Annual inflation accelerated to 33.1% from 32.4%, driven by utility rate hikes and food prices, widening the gap with Milei’s budget target of 10.1% for all of 2026

The Iran conflict has already pushed Argentine fuel prices up ~6% in March, with Citi and Barclays estimating 0.8–0.9% of additional annual inflation from the oil shock

Argentina’s disinflation has stalled. February’s consumer price reading came in at 2.9% month-on-month — unchanged from January and above the 2.8% median estimate from Bloomberg’s analyst survey — extending to nine the number of consecutive months without any decline in the monthly rate. Annual Argentina inflation accelerated to 33.1% from 32.4%, also topping the 32.9% consensus, confirming that President Javier Milei’s early success in crushing triple-digit price growth has given way to a stubborn plateau that new external shocks now threaten to worsen. This is part of The Rio Times’ daily coverage of Brazil financial news English and Latin American financial markets.

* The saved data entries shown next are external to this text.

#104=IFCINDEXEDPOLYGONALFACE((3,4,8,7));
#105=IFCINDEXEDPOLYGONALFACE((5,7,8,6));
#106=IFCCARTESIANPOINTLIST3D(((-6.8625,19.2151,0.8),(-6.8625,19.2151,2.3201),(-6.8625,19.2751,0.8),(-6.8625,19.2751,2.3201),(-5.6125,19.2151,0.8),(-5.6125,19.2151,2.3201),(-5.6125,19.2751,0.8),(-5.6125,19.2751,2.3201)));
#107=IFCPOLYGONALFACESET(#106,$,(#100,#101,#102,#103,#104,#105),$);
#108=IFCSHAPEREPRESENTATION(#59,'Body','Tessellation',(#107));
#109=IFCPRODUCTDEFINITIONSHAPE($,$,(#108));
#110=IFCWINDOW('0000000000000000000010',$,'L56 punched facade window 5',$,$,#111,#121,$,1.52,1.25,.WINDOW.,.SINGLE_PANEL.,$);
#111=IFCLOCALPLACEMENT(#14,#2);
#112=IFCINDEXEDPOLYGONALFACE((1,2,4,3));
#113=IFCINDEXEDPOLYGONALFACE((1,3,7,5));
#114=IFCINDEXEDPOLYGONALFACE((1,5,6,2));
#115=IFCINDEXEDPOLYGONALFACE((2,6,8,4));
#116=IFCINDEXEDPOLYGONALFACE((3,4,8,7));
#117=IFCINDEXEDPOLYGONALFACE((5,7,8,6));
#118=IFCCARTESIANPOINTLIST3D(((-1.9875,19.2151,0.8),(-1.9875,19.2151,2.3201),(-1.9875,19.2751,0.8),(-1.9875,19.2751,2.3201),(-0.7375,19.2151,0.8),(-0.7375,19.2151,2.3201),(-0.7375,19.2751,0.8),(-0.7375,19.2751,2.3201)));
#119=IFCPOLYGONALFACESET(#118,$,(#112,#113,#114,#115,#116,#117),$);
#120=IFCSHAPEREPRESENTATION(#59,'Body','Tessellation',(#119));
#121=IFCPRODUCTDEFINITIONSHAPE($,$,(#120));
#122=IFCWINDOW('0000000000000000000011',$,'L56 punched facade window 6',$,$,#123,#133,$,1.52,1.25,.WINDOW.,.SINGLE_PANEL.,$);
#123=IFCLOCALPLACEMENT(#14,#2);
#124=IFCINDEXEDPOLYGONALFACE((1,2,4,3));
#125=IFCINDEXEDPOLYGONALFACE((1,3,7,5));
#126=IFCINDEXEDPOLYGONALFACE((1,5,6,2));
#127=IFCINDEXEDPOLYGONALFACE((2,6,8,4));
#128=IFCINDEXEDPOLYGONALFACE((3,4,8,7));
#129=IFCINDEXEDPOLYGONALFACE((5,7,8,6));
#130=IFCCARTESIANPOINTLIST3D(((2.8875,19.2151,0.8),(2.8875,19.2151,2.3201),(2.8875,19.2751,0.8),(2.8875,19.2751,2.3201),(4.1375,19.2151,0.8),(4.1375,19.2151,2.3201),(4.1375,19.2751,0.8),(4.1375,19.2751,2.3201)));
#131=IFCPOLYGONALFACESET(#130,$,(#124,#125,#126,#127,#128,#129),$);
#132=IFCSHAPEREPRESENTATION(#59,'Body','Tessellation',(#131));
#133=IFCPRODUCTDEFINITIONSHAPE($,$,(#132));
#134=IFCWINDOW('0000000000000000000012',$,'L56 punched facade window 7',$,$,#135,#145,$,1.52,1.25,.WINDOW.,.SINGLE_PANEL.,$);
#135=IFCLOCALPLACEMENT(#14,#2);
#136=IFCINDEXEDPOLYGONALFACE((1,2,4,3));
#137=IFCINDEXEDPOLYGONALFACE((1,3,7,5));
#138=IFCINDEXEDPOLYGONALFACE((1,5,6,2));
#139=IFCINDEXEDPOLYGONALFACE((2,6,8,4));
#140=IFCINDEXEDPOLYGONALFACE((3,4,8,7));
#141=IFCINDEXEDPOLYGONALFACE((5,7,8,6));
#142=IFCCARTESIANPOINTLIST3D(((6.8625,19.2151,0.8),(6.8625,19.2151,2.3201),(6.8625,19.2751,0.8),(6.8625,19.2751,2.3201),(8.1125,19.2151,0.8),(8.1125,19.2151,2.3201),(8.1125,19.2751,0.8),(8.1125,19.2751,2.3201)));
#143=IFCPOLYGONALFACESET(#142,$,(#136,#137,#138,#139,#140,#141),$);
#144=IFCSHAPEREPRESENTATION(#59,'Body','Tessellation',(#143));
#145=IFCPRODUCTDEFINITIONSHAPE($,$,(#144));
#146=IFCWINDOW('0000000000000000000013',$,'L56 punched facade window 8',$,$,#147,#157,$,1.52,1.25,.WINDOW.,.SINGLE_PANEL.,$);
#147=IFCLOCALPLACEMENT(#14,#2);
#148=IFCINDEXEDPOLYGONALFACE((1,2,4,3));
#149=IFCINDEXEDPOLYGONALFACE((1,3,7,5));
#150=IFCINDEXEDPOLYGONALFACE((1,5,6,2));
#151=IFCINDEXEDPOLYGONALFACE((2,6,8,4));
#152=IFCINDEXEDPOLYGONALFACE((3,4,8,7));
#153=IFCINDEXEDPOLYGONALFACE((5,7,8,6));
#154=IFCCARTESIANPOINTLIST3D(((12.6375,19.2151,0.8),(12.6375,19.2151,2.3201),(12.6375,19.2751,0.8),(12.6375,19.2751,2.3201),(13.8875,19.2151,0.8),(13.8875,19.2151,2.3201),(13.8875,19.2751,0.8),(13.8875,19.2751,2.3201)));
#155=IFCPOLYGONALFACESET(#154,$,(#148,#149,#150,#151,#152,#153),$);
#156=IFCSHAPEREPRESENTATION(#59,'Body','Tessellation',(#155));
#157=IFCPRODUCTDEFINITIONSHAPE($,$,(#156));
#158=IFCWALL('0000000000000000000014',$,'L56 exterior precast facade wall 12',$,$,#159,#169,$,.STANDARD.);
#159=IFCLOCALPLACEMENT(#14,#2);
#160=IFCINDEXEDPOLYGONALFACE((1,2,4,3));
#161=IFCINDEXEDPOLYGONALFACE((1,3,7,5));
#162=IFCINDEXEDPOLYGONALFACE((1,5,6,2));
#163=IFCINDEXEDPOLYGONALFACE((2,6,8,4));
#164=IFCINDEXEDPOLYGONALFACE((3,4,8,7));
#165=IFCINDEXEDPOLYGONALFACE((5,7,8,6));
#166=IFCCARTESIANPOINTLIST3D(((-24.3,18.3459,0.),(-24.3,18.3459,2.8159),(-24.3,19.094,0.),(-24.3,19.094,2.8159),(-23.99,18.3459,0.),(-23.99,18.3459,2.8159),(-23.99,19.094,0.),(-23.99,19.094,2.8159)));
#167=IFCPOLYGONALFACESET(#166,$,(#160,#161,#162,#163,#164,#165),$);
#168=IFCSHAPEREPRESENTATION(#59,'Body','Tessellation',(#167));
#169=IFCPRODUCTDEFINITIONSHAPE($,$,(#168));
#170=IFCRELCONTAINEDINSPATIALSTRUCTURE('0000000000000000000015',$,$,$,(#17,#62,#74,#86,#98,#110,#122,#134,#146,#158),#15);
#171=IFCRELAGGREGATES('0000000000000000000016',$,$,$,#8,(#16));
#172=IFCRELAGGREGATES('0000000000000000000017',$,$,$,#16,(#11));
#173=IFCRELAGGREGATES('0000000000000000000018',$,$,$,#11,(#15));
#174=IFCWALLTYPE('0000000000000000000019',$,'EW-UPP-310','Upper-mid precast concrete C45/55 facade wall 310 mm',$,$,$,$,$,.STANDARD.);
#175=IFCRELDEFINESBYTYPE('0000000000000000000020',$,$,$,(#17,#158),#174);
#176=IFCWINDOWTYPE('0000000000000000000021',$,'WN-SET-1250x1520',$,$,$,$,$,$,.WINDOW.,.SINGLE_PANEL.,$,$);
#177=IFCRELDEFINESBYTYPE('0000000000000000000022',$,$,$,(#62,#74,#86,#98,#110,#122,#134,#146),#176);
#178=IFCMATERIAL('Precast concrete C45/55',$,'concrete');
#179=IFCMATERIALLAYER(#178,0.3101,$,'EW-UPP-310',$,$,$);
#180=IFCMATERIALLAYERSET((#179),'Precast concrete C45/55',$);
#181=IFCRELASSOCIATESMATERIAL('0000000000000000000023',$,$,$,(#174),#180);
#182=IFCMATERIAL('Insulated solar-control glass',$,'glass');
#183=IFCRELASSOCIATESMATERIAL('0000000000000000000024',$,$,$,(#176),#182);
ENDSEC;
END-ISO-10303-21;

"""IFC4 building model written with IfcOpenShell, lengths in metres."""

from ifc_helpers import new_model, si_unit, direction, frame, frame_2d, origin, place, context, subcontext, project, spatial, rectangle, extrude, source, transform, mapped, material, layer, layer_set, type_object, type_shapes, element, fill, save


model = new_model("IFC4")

Argentina Inflation Driven by Utilities and Food

The biggest monthly surge came from housing, water, electricity, gas, and other fuels, which jumped 6.8% — more than double January’s 3.0% — as the government continued withdrawing energy subsidies to protect its fiscal surplus. Gas alone rose 17% following a January adjustment announced by the Energy Secretary. Food and non-alcoholic beverages, the largest single component of Argentina’s CPI basket at 23% weighting, added 3.3%, driven particularly by meat prices. Accumulated inflation for the first two months of 2026 reached 5.9%, already more than half of the 10.1% annual target embedded in Milei’s budget — a figure virtually no private-sector economist considers achievable.

Argentina Inflation Beats Forecasts at 2.9% as Iran War Adds Pressure. (Photo Internet reproduction)

Chart showing Argentina monthly and annual inflation from June 2025 to February 2026, with monthly rate stalled at 2.9% and annual rate rising to 33.1%

Iran War Shock Hits at the Worst Moment

The U.S.-Israel military operation against Iran has added a supply-side shock to an already difficult picture. Argentine fuel prices have risen approximately 6% so far in March, partly reflecting a monthly 1% fuel tax increase and catch-up adjustments, but increasingly driven by surging global crude costs. Consultant EcoGo estimates March inflation will hold at 2.9%, with 0.3 percentage points attributable to the oil price spike. Citigroup projected an annual inflationary impact of 0.9% from the conflict, while Barclays estimated 0.8%. State-controlled YPF, which commands over half the domestic fuel market, pledged to avoid price shocks at the pump, but its capacity to absorb higher crude costs indefinitely is limited given the company’s own investment needs.

The Structural Stickiness Problem

JPMorgan analyst Lucila Barbeito identified the core dilemma: goods inflation has fallen rapidly thanks to trade liberalization and lower import tariffs, but services — rents, utilities, healthcare — remain sticky because they track wages rather than the exchange rate. With fiscal revenues falling nearly 9% year-on-year as tax collection weakens, the government faces a painful tradeoff between maintaining its surplus through continued subsidy removal (which feeds inflation) and easing the pace of adjustment (which risks its credibility with markets). The departure of the statistics agency chief amid disputes over a new CPI methodology that would have given more weight to services added another layer of institutional uncertainty.

Central bank survey respondents project 26% annual inflation by year-end and 3.4% GDP growth in 2027, suggesting the market still believes in Milei’s broader stabilization program even as the monthly numbers plateau. Economy Minister Luis Caputo has argued that changing the CPI methodology now would be perceived negatively, effectively acknowledging that optics matter as much as data in a country with Argentina’s inflationary history. But the gap between 33.1% current inflation and a 10.1% budget target tells its own story: the easy gains from ending monetary financing are behind Argentina, and the hard work of breaking inertial expectations — now complicated by a Middle East war nobody planned for — lies ahead.